CodeEval：一种针对代码训练大语言模型的目标评估教学法 (CodeEval: A pedagogical approach for targeted evaluation of code-trained Large Language Models)

from arxiv, Accepted at the International Joint Conference on Natural Language Processing & Asia-Pacific Chapter of the Association for Computational Linguistics, 2025. Will be published at ACL anthology

Large Language Models (LLMs) are predominantly assessed based on their common sense reasoning, language comprehension, and logical reasoning abilities. While models trained in specialized domains like mathematics or coding have demonstrated remarkable advancements in logical reasoning, there remains a significant gap in evaluating their code generation capabilities. Existing benchmark datasets fall short in pinpointing specific strengths and weaknesses, impeding targeted enhancements in models' reasoning abilities to synthesize code.

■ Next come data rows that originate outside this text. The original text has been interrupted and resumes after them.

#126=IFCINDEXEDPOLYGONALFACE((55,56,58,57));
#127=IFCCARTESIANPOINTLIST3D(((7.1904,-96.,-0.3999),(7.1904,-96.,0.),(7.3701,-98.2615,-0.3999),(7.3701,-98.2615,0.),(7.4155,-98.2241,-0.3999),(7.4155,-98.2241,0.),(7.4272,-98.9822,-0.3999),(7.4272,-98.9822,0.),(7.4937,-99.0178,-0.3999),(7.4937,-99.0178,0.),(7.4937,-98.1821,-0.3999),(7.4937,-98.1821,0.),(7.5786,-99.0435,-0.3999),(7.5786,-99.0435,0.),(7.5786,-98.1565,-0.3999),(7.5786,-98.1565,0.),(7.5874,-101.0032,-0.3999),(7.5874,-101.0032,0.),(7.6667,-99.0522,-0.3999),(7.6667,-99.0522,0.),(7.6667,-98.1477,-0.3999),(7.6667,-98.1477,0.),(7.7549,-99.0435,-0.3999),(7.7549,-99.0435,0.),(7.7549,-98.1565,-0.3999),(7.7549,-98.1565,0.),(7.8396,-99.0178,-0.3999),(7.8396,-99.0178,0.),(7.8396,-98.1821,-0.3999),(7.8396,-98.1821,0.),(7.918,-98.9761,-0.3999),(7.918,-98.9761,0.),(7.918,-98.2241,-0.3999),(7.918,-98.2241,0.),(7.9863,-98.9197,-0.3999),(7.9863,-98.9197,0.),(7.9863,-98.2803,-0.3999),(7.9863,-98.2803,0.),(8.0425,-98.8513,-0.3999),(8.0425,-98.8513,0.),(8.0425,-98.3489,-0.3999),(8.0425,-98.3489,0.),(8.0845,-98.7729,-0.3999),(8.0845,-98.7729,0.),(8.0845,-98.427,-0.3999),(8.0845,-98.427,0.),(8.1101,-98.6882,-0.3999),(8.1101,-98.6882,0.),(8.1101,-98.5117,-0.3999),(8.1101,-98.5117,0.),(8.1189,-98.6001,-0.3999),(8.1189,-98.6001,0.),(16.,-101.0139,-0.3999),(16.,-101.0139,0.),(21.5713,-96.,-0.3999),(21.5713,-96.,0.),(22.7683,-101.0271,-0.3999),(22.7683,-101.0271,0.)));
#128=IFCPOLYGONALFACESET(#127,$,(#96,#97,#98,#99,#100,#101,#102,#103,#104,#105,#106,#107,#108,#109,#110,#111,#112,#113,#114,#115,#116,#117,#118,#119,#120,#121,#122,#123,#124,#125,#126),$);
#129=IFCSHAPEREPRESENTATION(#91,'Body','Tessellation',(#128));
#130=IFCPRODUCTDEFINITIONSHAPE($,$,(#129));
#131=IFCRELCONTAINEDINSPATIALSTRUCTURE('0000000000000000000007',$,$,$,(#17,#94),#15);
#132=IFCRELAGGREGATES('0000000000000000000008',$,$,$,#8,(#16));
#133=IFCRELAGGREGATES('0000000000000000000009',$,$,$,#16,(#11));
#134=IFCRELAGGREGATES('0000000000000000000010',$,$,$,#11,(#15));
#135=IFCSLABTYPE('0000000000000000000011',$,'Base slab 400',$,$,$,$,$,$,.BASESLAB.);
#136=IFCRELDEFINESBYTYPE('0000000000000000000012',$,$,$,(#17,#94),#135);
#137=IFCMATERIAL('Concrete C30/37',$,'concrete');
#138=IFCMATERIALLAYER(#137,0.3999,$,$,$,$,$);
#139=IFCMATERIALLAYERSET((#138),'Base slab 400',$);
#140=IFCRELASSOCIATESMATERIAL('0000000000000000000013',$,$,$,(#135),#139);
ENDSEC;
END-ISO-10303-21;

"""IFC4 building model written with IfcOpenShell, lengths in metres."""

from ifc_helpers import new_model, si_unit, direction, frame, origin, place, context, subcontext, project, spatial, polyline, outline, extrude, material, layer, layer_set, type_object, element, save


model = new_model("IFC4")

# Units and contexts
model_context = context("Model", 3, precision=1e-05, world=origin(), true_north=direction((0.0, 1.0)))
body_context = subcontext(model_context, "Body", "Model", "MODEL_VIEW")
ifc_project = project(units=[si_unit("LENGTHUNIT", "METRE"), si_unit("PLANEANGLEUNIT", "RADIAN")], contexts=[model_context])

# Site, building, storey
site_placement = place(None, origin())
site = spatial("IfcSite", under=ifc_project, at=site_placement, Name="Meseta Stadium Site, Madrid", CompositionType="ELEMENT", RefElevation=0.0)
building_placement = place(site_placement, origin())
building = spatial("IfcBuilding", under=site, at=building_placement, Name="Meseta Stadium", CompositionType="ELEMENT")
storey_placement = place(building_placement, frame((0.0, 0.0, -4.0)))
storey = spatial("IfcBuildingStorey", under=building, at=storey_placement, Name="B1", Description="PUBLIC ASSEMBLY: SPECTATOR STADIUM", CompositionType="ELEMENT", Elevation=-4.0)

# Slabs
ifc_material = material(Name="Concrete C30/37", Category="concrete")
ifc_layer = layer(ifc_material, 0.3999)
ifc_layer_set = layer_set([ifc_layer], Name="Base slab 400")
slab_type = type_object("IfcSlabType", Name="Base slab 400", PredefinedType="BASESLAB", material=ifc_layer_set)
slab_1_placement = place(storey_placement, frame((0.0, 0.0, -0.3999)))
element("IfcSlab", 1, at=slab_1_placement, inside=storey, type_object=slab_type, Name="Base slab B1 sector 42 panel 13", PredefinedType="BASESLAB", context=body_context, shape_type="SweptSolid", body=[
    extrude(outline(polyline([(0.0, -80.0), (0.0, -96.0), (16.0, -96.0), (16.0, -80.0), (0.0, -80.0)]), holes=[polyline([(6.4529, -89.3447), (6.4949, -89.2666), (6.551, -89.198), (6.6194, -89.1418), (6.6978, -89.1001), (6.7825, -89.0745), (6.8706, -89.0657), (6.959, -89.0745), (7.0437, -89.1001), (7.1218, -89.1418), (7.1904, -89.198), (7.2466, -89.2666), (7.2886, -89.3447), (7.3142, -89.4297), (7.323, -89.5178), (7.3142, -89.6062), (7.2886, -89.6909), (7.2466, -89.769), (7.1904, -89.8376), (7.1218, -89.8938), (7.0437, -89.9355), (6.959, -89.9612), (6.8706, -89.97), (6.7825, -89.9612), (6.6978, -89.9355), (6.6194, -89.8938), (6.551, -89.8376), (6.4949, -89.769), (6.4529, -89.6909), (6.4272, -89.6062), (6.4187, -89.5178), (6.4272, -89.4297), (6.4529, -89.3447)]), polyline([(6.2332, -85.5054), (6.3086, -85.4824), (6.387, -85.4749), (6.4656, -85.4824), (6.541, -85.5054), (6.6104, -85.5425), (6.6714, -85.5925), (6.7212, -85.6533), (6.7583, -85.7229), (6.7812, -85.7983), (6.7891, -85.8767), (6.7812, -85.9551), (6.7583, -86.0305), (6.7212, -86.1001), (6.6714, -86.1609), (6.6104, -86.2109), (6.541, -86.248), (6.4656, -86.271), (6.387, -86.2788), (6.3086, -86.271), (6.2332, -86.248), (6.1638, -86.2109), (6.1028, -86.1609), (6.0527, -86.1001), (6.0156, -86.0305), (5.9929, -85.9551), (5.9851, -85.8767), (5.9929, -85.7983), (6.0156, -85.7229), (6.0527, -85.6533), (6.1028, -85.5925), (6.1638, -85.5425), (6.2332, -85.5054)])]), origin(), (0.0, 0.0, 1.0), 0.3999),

To bridge this gap, our paper introduces an innovative, pedagogical benchmarking method that mirrors the evaluation processes encountered in academic programming courses. We introduce CodeEval, a multi-dimensional benchmark dataset designed to rigorously evaluate LLMs across 24 distinct aspects of Python programming. The dataset covers three proficiency levels - beginner, intermediate, and advanced - and includes both class-based and function-based problem types with detailed problem specifications and comprehensive test suites. To facilitate widespread adoption, we also developed RunCodeEval, an open-source execution framework that provides researchers with a ready-to-use evaluation pipeline for CodeEval. RunCodeEval handles test execution, context setup, and metrics generation, enabling researchers to quickly obtain detailed insights into model strengths and weaknesses across complexity levels, problem types, and programming categories. This combination enables targeted evaluation and guides improvements in LLMs' programming proficiencies.

翻译：大语言模型（LLMs）的评估主要基于其常识推理、语言理解和逻辑推理能力。尽管在数学或编程等专业领域训练的模型在逻辑推理方面展现出显著进步，但对其代码生成能力的评估仍存在明显不足。现有基准数据集难以精准定位具体优势与缺陷，阻碍了模型代码合成推理能力的针对性提升。为填补这一空白，本文提出一种创新的教学式基准测试方法，其设计理念模拟学术编程课程中的评估流程。我们推出了CodeEval——一个多维基准数据集，旨在从24个不同的Python编程维度对LLMs进行严格评估。该数据集涵盖初级、中级和高级三个能力层级，包含基于类和基于函数两种问题类型，并提供详细的问题描述与完整的测试套件。为促进广泛采用，我们还开发了开源执行框架RunCodeEval，为研究者提供即用型的CodeEval评估流程。RunCodeEval能够处理测试执行、上下文配置和指标生成，使研究者能够快速获取模型在不同复杂度层级、问题类型和编程类别上的优势与不足的详细洞见。这种组合方案实现了目标导向的评估，并为提升LLMs的编程能力提供了指导方向。